- Born: 1 May 1924 Zagreb, Croatia
- Died: 11 November 2020 (aged 96)
- Occupations: Writer, literary translator
- Writing career
- Language: Croatian
- Years active: 1945–2020
- Genres: Children's literature, war prose
- Notable work: Pirgo
- Notable awards: Order of Labor with Golden Wreath, Order of the Smile, Ivana Brlić Mažuranić Award

= Anđelka Martić =

Croatian writer (1924–2020)

Anđelka Martić (1 May 1924 – 11 November 2020) was a Croatian writer and literary translator. She is best known for her children's war prose, especially for her novel Pirgo about a friendship of a boy and an orphan fawn in the whirlwind of the Second World War.

== Biography ==
Martić was born in Zagreb, as the second of three kids. Her father died young in 1933, and her sickly mother struggled to make ends meet, so she spent time with her grandparents in the countryside. Those visits became one of her main literary motifs.

On the verge of World War II she graduated from high school.

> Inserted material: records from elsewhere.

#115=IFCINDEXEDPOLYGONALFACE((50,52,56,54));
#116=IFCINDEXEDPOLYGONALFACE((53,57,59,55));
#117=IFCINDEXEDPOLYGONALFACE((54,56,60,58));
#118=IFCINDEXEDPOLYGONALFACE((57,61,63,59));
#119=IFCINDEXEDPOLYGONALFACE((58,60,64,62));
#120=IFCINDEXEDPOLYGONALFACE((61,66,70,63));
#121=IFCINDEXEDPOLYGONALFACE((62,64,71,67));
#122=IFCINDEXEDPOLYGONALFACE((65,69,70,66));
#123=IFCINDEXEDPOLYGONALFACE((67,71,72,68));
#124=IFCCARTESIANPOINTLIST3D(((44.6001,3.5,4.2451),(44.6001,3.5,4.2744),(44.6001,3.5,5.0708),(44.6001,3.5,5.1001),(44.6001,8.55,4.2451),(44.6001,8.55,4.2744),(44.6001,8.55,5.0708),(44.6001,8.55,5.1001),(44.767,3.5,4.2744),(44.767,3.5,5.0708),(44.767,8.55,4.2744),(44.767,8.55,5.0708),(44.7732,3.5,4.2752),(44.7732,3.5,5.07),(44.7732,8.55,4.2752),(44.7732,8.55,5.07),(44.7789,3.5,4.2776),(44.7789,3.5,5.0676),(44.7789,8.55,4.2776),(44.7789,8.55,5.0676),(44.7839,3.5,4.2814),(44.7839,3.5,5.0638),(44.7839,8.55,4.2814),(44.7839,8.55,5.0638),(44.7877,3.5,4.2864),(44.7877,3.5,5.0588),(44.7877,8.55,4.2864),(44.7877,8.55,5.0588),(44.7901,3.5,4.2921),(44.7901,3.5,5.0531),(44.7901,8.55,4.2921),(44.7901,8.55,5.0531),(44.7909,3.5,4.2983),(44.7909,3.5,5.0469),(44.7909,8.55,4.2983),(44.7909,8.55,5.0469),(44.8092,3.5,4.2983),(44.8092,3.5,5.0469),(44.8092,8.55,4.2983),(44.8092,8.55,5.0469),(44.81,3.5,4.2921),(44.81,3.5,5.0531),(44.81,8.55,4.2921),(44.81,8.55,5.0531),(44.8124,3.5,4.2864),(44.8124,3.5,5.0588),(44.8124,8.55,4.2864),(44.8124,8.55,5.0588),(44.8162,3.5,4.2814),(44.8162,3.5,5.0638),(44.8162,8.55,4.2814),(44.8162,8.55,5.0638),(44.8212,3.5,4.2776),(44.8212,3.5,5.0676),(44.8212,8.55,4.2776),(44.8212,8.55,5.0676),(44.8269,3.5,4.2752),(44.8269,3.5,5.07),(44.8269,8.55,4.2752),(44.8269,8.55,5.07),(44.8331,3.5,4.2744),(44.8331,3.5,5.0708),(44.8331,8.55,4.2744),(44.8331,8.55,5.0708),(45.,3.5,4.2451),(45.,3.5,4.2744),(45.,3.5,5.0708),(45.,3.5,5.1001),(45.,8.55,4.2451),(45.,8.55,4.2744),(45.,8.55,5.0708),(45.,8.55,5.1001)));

After her brother, a resistance activist, got exposed and captured in 1941 by the Croatian puppet state militia, and executed in February 1942 at Jasenovac concentration camp, she joined the partisans and served as a war correspondent. At the end of war she took part in the liberation of Belgrade, earning the Yugoslav Order of Bravery medal for rescuing a wounded comrade.

Her first poems were published in journal Kulturni prilozi. After the war, she worked as a journalist for the newspapers Vjesnik and Omladinski borac and for the children's magazine Pionir. She was the editor-in-chief of the children's magazine Radost and the editor-in-chief of the publishing house Naša djeca. She has been a member of the Croatian Writers' Association since 1954.

== Works ==
Martić wrote poems, children's books, and texts for picture books. She is the most prominent author of Croatian war prose for children; yet a few of her works are autobiographical books and fantastic prose in the best tradition of Croatian writer Ivana Brlić-Mažuranić. In her novel Pirgo, written in the first person, she tells a lyrical story about a war in which all beings suffer without distinction.

Her works have been translated into foreign languages ranging from Polish, Czech, Russian and Italian to Esperanto, Chinese and Persian. She herself translated a number of books from the Slovenian language.

Published works:
- Mali konjovodac i druge priče – Zagreb, 1951
- Bjelkan – Zagreb, 1951
- Pirgo – Zagreb, 1953
- Jezero u planini – Zagreb, 1956
- Vuk na Voćinskoj cesti – Zagreb, 1956
- U vihoru – Zagreb, 1958
- Dječak i šuma – Zagreb, 1960
- Kurir Dragan i njegovo konjče – Sarajevo, 1961
- Neugasivi životi – Zagreb, 1961
- Mali borac – Zagreb, 1964
- Proljeće, mama i ja – Zagreb, 1968
- Baba Kata – Zagreb, 1971
- Djedica Pričalo i čarobni vrutak – Zagreb, 1977
- Šašavi dani – Zagreb, 1978
- Mali konjovodac – Zagreb, 1985
- Izabrana djela in Pet stoljeća hrvatske književnost – Zagreb, 1991
- Zarobljenik šumske kuće – Zagreb, 1999
- Tri lisice i šumski car – Zagreb, 2002
- Dječak div i druge bajke – Zagreb, 2002

== Awards ==
For her literary work, Anđelka Martić was awarded the Yugoslav Order of Labor with Golden Wreath. In 1973, she received the Order of the Smile, a unique decoration awarded on behalf of the children of Poland. In 1977 Martić received Ivana Brlić Mažuranić Award for her book Djedica Pričalo i čarobni vrutak.